En un lejano valle había un pequeño lago que era fuente de agua y vida para todos sus habitantes. Todos los días, los animales se reunían a su alrededor para saciar su sed o para refrescarse en él. Vivían juntos en paz y tranquilidad, hasta que un día la liebre se dio cuenta de que había menos agua en el estanque.
Así, la liebre chapoteó en el agua y preguntó a los animales que estaban parados en la orilla: — Amigos míos ¿Veo bien o estoy soñando? ¿No hay menos agua en el estanque?
De la misma manera, ella pensó para sus adentros: «Si lo hubiera soñado, el saltito al agua fría seguramente me hubiera despertado.»
La vieja y sabia tortuga dijo: — Sí, tienes razón. Es que no ha caído ni una gota de lluvia en semanas.
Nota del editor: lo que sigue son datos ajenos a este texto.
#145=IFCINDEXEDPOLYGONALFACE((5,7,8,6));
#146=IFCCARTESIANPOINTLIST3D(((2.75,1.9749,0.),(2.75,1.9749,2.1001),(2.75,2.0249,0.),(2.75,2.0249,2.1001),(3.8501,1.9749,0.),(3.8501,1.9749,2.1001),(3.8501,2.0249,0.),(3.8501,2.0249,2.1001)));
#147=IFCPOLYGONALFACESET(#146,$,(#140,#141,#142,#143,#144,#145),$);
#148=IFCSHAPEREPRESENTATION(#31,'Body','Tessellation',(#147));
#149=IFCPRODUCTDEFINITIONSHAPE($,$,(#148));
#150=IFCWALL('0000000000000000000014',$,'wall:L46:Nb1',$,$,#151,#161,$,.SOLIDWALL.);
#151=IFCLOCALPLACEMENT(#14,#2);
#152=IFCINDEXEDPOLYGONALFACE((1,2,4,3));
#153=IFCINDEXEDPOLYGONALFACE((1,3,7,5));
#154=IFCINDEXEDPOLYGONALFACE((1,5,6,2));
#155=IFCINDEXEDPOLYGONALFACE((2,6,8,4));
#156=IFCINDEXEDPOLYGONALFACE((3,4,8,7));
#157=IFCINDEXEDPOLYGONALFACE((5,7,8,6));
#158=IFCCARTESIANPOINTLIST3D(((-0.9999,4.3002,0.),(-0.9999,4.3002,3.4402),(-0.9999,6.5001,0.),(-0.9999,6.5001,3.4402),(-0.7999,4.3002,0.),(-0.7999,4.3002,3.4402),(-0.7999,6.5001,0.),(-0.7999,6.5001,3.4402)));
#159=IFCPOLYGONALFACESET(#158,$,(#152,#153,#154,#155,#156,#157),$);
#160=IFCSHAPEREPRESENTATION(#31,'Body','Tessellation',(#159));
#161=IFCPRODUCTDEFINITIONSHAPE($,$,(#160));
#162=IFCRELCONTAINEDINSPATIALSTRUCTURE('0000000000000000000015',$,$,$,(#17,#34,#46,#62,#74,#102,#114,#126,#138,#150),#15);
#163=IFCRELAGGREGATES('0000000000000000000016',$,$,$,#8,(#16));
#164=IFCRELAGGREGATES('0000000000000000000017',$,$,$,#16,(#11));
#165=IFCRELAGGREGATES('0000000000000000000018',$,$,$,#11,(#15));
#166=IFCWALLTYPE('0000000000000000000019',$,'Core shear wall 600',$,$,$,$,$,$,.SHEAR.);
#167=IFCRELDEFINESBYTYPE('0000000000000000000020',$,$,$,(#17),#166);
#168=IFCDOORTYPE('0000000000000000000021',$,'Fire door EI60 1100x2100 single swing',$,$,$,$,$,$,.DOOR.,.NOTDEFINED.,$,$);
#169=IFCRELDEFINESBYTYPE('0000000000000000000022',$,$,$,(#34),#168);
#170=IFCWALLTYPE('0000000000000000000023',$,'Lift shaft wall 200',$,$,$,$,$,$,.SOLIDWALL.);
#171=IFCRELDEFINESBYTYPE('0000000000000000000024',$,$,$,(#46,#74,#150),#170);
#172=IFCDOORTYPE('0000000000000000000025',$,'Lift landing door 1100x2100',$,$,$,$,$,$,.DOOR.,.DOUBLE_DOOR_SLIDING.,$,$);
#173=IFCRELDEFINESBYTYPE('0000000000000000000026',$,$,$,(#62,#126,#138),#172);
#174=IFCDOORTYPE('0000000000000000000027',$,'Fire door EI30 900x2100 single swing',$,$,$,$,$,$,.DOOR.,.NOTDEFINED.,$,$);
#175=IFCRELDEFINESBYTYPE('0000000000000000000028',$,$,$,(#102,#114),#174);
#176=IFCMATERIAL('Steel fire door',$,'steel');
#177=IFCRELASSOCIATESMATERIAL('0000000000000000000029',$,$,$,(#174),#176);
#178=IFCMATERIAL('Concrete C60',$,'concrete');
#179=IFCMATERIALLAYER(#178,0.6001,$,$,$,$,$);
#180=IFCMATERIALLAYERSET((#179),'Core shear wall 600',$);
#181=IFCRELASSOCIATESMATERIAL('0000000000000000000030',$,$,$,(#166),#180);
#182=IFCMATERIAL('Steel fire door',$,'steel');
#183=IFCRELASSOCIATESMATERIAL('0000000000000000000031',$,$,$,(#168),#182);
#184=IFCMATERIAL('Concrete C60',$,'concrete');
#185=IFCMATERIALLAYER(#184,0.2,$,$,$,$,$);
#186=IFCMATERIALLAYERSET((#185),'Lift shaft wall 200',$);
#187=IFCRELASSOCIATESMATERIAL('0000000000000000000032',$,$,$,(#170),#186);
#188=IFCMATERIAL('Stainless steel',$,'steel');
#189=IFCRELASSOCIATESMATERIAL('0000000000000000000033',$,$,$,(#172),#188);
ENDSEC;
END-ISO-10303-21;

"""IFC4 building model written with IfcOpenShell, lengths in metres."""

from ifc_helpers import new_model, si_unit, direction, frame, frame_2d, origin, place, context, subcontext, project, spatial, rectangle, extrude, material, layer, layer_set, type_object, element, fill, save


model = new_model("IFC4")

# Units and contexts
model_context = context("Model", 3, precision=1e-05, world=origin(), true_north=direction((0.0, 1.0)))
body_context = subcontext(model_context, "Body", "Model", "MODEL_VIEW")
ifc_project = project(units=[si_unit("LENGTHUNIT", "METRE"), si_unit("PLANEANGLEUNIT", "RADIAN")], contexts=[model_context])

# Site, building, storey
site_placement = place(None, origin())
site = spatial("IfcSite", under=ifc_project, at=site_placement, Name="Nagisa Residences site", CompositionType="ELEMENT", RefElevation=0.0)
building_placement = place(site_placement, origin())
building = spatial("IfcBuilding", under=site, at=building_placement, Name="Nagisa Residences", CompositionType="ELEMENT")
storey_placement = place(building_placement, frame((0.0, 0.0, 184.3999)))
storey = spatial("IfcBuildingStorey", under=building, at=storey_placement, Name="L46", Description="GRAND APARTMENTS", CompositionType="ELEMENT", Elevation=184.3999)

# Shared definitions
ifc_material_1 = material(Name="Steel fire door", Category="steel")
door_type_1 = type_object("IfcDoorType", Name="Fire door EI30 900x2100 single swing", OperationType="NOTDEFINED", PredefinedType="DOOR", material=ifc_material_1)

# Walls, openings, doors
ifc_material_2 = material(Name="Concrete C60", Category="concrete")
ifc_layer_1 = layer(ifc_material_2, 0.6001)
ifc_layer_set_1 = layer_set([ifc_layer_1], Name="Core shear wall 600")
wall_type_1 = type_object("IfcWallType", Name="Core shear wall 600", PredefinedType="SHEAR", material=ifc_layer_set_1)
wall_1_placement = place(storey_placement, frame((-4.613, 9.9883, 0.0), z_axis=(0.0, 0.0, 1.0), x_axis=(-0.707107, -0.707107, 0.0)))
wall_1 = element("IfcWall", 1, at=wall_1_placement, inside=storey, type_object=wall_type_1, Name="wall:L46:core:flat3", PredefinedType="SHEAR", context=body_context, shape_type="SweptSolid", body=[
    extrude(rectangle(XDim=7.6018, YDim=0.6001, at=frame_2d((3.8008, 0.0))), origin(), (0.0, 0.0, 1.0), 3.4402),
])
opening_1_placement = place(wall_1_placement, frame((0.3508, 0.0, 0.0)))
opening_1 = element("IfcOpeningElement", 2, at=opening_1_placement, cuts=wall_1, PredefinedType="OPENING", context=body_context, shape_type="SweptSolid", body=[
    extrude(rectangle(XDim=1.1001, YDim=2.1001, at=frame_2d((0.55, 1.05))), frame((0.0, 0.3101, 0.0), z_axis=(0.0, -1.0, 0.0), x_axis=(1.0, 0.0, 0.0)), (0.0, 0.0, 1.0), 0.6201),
Cuanto más larga sea la estación de sequía, menos agua habrá en el estanque.
La liebre preguntó preocupada a la tortuga: —¡Ay, que no suceda eso! ¿Dónde retozaremos si el estanque se seca? La sabia tortuga respondió: — Bueno, es que no podemos evitarlo.
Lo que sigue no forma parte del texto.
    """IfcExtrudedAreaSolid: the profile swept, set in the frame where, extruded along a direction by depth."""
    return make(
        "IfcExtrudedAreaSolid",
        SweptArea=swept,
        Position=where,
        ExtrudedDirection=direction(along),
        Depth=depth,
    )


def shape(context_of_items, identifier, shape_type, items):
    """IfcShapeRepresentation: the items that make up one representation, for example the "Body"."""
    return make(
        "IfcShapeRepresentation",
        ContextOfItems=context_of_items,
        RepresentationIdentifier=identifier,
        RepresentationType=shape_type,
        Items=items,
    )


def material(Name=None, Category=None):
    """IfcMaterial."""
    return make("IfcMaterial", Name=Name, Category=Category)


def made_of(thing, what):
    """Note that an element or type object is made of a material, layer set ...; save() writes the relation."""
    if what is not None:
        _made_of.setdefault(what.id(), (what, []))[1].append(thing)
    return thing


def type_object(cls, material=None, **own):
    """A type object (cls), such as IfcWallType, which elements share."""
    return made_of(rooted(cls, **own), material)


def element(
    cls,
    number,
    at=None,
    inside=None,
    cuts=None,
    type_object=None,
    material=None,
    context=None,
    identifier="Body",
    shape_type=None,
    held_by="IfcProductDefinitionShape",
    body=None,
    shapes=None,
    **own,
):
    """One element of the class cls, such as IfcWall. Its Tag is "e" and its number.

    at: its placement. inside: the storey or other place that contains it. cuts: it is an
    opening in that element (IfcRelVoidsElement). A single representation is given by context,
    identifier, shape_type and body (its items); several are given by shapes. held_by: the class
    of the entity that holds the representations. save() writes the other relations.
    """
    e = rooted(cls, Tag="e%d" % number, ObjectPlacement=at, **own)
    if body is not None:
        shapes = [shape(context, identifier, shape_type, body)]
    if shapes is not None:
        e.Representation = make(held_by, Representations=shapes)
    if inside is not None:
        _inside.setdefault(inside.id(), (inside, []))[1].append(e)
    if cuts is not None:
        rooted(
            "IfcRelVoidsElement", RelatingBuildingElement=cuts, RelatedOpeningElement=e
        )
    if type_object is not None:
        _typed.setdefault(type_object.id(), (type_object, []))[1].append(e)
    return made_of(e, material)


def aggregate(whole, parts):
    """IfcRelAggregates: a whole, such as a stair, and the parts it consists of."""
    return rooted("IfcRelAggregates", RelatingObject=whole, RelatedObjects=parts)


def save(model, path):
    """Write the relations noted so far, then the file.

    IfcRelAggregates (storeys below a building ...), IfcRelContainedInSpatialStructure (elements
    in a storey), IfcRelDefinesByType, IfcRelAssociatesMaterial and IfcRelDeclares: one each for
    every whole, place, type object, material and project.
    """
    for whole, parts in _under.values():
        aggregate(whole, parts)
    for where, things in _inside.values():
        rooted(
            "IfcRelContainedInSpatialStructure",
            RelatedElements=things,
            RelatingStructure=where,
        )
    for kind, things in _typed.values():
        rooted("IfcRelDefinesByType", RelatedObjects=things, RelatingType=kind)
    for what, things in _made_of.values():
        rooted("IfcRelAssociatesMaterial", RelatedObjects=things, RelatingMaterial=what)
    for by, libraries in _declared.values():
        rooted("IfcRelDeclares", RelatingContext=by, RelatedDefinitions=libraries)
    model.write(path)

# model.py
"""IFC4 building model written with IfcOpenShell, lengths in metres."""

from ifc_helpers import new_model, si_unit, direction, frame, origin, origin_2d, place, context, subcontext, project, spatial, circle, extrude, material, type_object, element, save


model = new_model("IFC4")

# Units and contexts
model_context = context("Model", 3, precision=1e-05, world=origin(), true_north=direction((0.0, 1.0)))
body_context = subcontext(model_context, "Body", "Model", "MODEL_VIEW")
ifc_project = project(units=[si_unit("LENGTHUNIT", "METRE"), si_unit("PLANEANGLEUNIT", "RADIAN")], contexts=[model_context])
No podemos controlar el clima. Ahora vendrá un período de sequía y, con los rayos del sol, el agua del estanque se evaporará poco a poco. Pequeñas gotitas de agua subirán lentamente del lago hacia el cielo, sin que las veamos, y allí se convertirán en pequeñas bocanadas de vapor.» Explicó la tortuga a los animales que no entendían cómo el agua del lago podría convertirse en vapor.
Un estado de ánimo triste reinaba en el valle. Todos los animales esperaban la lluvia con impaciencia, pero esta no hacía signo de aparición. Así que el estanque acabó por secarse completamente. Por desgracia, todos los animales tenían demasiado calor y mucha sed. El sol brillaba intensamente y…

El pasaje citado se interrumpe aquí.